# The Romance Novel Question



## SoWhat (Jan 7, 2012)

They can be as addictive as pornography. They change the brain.
Romance novels can become addictive | ksl.com

They create unrealistic expectations!
They promote dissatisfaction in relationships! 

It's not just harmless fun. 
Men, don't let anyone try to shame you about your feelings on this topic. You're not just "insecure."


----------



## Gaia (Apr 27, 2012)

Reading those novels is entertaining... However, in my opinion, anyone who sets standards based on novels such as this... is completely crazy.... BUT that's just my POV.


----------



## diwali123 (Feb 17, 2012)

They make you think this is how good writing should be! They set your standards for literature way too low! They fill your verbal center with mediocre prose! 
_Posted via Mobile Device_


----------



## Mistys dad (Dec 2, 2011)

Well there is a chicken-egg argument about anything like that.

Does the novel create dissatisfaction in the marriage.

Or do the dissatisfied seek out the novels.

And of course, the word "addiction" is thrown around much too lightly these days. No matter what the material, there will always be a small portion of the users that develop issues with it's use. That does not mean that the material is harmful, just that some people do not have the control they require to partake.


----------



## jaharthur (May 25, 2012)

It appears they make you use too many exclamation points.


----------



## SoWhat (Jan 7, 2012)

jaharthur said:


> It appears they make you use too many exclamation points.


I'm being hyperbolic.
There's another thread in here entitled "The porn question." It talks about how porn creates unrealistic expectations and re-wires the brain.


----------



## Gaia (Apr 27, 2012)

lmao what ever happened to reading just for fun? To relax? Ect? Why in the world does a romance novel have to mean there are problems in the marriage/relationship? And why are there even people who go read them JUST because they are dissatisfied?


----------



## Gaia (Apr 27, 2012)

Again I go with the.. it's a choice... statement. I think to many just let themselves get rewired, ect by those sort of things.


----------



## Interlocutor (Dec 29, 2011)

Gaia said:


> lmao what ever happened to reading just for fun? To relax? Ect? Why in the world does a romance novel have to mean there are problems in the marriage/relationship? And why are there even people who go read them JUST because they are dissatisfied?

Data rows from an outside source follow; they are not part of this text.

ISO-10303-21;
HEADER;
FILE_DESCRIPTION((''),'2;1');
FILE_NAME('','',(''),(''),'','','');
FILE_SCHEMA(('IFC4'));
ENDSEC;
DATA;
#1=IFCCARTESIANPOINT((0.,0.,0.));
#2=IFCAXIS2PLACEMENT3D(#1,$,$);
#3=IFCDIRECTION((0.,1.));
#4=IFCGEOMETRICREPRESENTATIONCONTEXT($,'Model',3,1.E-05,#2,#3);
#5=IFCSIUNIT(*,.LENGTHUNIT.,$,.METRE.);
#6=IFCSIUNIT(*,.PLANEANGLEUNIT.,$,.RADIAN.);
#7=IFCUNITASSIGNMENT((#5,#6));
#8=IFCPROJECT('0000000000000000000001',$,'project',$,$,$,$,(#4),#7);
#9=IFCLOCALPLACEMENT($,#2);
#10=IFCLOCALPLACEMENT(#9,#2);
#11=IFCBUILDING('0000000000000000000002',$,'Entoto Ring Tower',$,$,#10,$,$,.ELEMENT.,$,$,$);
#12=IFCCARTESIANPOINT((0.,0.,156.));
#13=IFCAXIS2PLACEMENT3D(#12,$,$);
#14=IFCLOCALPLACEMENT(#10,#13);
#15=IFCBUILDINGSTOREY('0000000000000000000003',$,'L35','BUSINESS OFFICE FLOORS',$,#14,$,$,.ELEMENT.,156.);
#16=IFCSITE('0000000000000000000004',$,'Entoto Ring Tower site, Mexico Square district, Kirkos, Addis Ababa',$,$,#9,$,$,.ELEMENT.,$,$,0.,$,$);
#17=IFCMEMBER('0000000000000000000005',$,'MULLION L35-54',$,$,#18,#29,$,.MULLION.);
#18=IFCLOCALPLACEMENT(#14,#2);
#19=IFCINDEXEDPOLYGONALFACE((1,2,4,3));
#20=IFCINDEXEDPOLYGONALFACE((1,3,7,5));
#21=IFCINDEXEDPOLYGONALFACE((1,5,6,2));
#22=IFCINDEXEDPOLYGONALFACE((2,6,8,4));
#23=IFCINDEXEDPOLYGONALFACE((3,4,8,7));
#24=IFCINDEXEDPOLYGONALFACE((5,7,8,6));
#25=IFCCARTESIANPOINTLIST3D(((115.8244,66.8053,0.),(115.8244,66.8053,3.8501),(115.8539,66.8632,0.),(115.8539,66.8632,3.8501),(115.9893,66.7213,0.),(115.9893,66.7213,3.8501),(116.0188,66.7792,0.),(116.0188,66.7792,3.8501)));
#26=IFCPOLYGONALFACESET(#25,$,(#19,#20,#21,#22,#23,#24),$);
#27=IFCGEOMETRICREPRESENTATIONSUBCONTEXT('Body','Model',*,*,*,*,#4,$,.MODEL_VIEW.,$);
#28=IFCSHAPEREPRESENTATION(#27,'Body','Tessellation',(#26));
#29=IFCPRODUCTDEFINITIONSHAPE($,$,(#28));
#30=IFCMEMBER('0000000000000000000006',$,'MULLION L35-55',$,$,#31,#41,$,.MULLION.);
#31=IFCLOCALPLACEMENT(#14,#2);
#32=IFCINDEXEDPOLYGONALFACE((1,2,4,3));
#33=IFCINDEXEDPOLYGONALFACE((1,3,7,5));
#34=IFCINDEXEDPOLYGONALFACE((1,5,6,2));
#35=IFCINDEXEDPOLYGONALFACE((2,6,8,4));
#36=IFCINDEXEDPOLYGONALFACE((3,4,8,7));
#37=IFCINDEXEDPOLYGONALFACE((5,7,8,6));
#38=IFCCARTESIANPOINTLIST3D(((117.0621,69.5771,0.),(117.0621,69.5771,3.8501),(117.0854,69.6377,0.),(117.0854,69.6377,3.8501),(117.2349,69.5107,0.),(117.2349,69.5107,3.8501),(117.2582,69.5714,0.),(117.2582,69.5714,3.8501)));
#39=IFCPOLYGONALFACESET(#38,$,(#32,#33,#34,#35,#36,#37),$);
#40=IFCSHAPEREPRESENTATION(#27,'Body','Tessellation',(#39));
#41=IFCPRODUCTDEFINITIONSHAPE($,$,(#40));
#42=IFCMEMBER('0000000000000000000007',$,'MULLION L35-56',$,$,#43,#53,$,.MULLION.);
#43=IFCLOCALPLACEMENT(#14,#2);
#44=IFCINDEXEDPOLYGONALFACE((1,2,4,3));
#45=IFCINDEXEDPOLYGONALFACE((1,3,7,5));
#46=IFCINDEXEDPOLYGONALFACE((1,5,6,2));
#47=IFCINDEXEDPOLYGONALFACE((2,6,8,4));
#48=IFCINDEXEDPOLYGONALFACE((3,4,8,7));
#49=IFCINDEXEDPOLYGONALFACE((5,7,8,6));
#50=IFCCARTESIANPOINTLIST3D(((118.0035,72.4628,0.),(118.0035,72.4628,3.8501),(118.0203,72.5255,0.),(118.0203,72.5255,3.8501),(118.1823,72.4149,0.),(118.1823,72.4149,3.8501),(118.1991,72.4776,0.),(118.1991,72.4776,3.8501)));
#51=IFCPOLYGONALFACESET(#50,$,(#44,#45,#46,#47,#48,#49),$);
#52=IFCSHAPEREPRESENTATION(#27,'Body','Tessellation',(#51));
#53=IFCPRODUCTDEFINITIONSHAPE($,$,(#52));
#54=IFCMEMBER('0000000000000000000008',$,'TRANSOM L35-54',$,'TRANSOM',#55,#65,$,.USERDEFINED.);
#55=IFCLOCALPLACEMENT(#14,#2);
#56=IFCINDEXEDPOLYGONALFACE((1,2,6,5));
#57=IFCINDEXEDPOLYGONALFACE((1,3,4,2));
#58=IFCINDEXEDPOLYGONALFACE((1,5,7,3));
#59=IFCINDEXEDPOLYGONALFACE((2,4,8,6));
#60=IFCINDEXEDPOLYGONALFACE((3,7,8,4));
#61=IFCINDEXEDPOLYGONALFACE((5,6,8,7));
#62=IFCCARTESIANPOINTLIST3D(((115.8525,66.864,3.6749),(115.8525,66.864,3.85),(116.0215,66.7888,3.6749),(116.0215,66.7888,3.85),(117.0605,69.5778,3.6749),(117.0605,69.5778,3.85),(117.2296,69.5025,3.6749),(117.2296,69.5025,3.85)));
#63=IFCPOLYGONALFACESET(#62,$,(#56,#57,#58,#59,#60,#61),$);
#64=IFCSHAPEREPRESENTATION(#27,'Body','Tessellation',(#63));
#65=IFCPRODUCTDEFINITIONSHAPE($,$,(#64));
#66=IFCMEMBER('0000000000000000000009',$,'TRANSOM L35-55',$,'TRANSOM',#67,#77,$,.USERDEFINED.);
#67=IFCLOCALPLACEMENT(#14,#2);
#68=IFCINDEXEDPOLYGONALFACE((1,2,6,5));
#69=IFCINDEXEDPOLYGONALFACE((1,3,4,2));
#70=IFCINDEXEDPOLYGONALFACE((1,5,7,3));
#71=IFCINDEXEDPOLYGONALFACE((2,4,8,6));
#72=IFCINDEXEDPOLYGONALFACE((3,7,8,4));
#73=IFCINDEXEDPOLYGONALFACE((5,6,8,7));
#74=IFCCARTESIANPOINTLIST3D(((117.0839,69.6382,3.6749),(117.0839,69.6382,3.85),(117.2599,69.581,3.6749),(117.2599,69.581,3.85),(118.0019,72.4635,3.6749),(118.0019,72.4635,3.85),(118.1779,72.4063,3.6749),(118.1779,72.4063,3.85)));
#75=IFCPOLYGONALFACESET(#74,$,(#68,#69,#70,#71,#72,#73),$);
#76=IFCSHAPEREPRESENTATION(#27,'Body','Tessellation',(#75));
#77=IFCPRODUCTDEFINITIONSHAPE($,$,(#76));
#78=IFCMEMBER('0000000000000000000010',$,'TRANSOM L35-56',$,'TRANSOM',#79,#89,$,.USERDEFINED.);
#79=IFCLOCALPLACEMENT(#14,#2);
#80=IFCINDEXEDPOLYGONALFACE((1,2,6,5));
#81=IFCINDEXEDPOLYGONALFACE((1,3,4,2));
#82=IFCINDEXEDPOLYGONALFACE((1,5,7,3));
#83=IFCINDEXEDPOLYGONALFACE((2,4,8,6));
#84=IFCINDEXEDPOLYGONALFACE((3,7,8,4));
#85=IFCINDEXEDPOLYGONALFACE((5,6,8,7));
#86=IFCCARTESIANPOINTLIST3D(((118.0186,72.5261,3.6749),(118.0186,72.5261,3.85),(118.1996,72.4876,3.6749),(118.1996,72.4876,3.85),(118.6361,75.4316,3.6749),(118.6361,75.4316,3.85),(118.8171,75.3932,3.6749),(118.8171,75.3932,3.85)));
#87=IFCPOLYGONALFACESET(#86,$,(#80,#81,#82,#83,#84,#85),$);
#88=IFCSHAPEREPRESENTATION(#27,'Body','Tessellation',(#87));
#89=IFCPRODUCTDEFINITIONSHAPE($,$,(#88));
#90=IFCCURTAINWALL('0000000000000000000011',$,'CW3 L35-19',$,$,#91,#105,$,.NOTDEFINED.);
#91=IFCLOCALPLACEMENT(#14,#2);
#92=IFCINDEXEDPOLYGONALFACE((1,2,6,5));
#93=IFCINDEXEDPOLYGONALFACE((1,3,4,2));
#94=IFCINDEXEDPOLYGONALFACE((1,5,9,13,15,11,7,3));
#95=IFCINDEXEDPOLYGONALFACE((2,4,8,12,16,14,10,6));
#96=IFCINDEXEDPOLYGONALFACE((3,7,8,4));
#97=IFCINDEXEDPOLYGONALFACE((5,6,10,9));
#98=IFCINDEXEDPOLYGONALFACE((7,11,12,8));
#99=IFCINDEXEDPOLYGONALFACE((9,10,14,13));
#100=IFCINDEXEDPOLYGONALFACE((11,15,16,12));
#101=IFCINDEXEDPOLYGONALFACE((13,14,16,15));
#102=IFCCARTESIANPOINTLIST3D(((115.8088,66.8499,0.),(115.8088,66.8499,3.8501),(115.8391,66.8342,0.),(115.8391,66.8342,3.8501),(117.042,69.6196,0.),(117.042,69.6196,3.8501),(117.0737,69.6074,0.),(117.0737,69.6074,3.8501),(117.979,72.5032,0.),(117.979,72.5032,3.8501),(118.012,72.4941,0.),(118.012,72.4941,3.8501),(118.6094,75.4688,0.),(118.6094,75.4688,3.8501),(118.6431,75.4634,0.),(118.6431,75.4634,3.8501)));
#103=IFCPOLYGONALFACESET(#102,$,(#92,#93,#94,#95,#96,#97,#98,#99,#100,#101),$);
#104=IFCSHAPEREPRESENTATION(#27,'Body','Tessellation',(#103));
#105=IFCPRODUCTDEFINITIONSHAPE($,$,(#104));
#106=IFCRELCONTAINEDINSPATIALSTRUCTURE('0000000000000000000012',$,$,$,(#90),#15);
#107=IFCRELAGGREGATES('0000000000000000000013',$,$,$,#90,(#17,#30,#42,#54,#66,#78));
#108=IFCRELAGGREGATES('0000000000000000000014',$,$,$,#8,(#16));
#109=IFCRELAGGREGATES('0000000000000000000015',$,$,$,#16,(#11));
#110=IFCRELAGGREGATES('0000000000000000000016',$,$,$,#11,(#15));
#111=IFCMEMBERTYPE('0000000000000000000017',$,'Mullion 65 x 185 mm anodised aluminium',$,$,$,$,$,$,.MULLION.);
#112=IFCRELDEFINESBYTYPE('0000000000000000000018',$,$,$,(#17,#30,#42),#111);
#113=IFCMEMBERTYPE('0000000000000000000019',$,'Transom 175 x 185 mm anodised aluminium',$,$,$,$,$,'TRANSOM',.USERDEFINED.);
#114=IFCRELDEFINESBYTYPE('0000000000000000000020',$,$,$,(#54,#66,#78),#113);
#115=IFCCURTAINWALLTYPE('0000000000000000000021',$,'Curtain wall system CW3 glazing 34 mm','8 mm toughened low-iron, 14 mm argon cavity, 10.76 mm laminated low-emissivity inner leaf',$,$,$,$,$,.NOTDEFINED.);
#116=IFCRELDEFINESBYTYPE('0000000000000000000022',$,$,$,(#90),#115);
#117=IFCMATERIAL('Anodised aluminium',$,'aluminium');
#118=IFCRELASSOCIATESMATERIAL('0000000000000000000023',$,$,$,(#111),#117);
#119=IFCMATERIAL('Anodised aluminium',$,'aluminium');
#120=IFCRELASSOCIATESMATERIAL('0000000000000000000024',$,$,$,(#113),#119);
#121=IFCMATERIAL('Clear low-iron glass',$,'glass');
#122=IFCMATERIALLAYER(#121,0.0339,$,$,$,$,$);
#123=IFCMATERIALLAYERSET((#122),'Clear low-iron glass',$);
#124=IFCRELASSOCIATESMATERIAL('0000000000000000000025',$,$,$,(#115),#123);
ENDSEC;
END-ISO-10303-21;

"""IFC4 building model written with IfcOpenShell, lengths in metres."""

from ifc_helpers import new_model, si_unit, direction, frame, origin, origin_2d, place, context, subcontext, project, spatial, polyline, rectangle, outline, extrude, material, layer, layer_set, material_profile, profile_set, type_object, element, aggregate, save


model = new_model("IFC4")

# Units and contexts
model_context = context("Model", 3, precision=1e-05, world=origin(), true_north=direction((0.0, 1.0)))
body_context = subcontext(model_context, "Body", "Model", "MODEL_VIEW")
ifc_project = project(units=[si_unit("LENGTHUNIT", "METRE"), si_unit("PLANEANGLEUNIT", "RADIAN")], contexts=[model_context])

# Members
ifc_material_1 = material(Name="Anodised aluminium", Category="aluminium")
ifc_material_profile_1 = material_profile(ifc_material_1, rectangle(XDim=0.0649, YDim=0.1851, at=origin_2d()), Name="Mullion 65 x 185 mm anodised aluminium")
ifc_profile_set_1 = profile_set([ifc_material_profile_1], Name="Anodised aluminium")
member_type_1 = type_object("IfcMemberType", Name="Mullion 65 x 185 mm anodised aluminium", PredefinedType="MULLION", material=ifc_profile_set_1)
site_placement = place(None, origin())
building_placement = place(site_placement, origin())
storey_placement = place(building_placement, frame((0.0, 0.0, 156.0)))
member_1_placement = place(storey_placement, frame((115.9216, 66.7922, 0.0), z_axis=(0.0, 0.0, 1.0), x_axis=(0.45399, 0.891007, 0.0)))
member_1 = element("IfcMember", 1, at=member_1_placement, type_object=member_type_1, Name="MULLION L35-54", PredefinedType="MULLION", context=body_context, shape_type="SweptSolid", body=[
    extrude(rectangle(XDim=0.0649, YDim=0.1851, at=origin_2d()), origin(), (0.0, 0.0, 1.0), 3.8501),
])
member_2_placement = place(storey_placement, frame((117.1602, 69.5742, 0.0), z_axis=(0.0, 0.0, 1.0), x_axis=(0.358368, 0.93358, 0.0)))
member_2 = element("IfcMember", 2, at=member_2_placement, type_object=member_type_1, Name="MULLION L35-55", PredefinedType="MULLION", context=body_context, shape_type="SweptSolid", body=[
    extrude(rectangle(XDim=0.0649, YDim=0.1851, at=origin_2d()), origin(), (0.0, 0.0, 1.0), 3.8501),
])
member_3_placement = place(storey_placement, frame((118.1013, 72.4702, 0.0), z_axis=(0.0, 0.0, 1.0), x_axis=(0.258819, 0.965926, 0.0)))
member_3 = element("IfcMember", 3, at=member_3_placement, type_object=member_type_1, Name="MULLION L35-56", PredefinedType="MULLION", context=body_context, shape_type="SweptSolid", body=[
    extrude(rectangle(XDim=0.0649, YDim=0.1851, at=origin_2d()), origin(), (0.0, 0.0, 1.0), 3.8501),
])
ifc_material_2 = material(Name="Anodised aluminium", Category="aluminium")
ifc_material_profile_2 = material_profile(ifc_material_2, rectangle(XDim=0.1851, YDim=0.175, at=origin_2d()), Name="Transom 175 x 185 mm anodised aluminium")
ifc_profile_set_2 = profile_set([ifc_material_profile_2], Name="Anodised aluminium")
member_type_2 = type_object("IfcMemberType", Name="Transom 175 x 185 mm anodised aluminium", ElementType="TRANSOM", PredefinedType="USERDEFINED", material=ifc_profile_set_2)
member_4_placement = place(storey_placement, frame((115.937, 66.8264, 3.7625), z_axis=(0.406687, 0.913567, 0.0), x_axis=(-0.913567, 0.406687, 0.0)))
member_4 = element("IfcMember", 4, at=member_4_placement, type_object=member_type_2, Name="TRANSOM L35-54", ObjectType="TRANSOM", PredefinedType="USERDEFINED", context=body_context, shape_type="SweptSolid", body=[
    extrude(rectangle(XDim=0.1851, YDim=0.175, at=origin_2d()), origin(), (0.0, 0.0, 1.0), 2.9705),
])
member_5_placement = place(storey_placement, frame((117.1719, 69.6096, 3.7625), z_axis=(0.309019, 0.951056, 0.0), x_axis=(-0.951056, 0.309019, 0.0)))
member_5 = element("IfcMember", 5, at=member_5_placement, type_object=member_type_2, Name="TRANSOM L35-55", ObjectType="TRANSOM", PredefinedType="USERDEFINED", context=body_context, shape_type="SweptSolid", body=[
    extrude(rectangle(XDim=0.1851, YDim=0.175, at=origin_2d()), origin(), (0.0, 0.0, 1.0), 2.9707),
])
member_6_placement = place(storey_placement, frame((118.1091, 72.5068, 3.7625), z_axis=(0.207862, 0.978158, 0.0), x_axis=(-0.978158, 0.207862, 0.0)))
member_6 = element("IfcMember", 6, at=member_6_placement, type_object=member_type_2, Name="TRANSOM L35-56", ObjectType="TRANSOM", PredefinedType="USERDEFINED", context=body_context, shape_type="SweptSolid", body=[
    extrude(rectangle(XDim=0.1851, YDim=0.175, at=origin_2d()), origin(), (0.0, 0.0, 1.0), 2.9705),
])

No such thing... Any time you pick up a book, watch TV, or even read a post here, you are being taken on a ride on somebody else's ideas, a ride from which you might unwittingly keep a souvenir or two... A problem which H. Thoreau felt could only be resolved by taking occasional, solitary sabbaticals into nature, since even the architecture of the city landscape entering the eye is within the arena of the ideas of others.


----------



## Maricha75 (May 8, 2012)

SoWhat said:


> They can be as addictive as pornography. They change the brain.
> Romance novels can become addictive | ksl.com
> 
> They create unrealistic expectations!
> ...


Honestly, SoWhat... I agree with this. However, I think it fits with pretty much anything, really. It creates an unbearably high standard for men to live up to...or to try to, anyway. Why do you think I stopped reading them LOOOOOONG ago? That, and soap operas...Good GOD don't get me started on THAT smut! 

Hubby's influence on both


----------



## Pandakiss (Oct 29, 2010)

i love reading romance books. although, the "romance" i read, is jerome d!ckey, christina dodd, mary janice davidson...

and a little for the sex...i like it better when its written by someone other than a 20 year old boy, who never had a real realtionship, and cant relate to women.

one of my favs if christina dodd: outrageous. my mom read about 20 pages, and said "this is smut..just porn, i hope her girls dont read this".

its not bad, if you are married, and have sex, and like sex....


but i like reading them. dont know why...they funny, some sex, some ghetto stuff, some jerry springer stuff...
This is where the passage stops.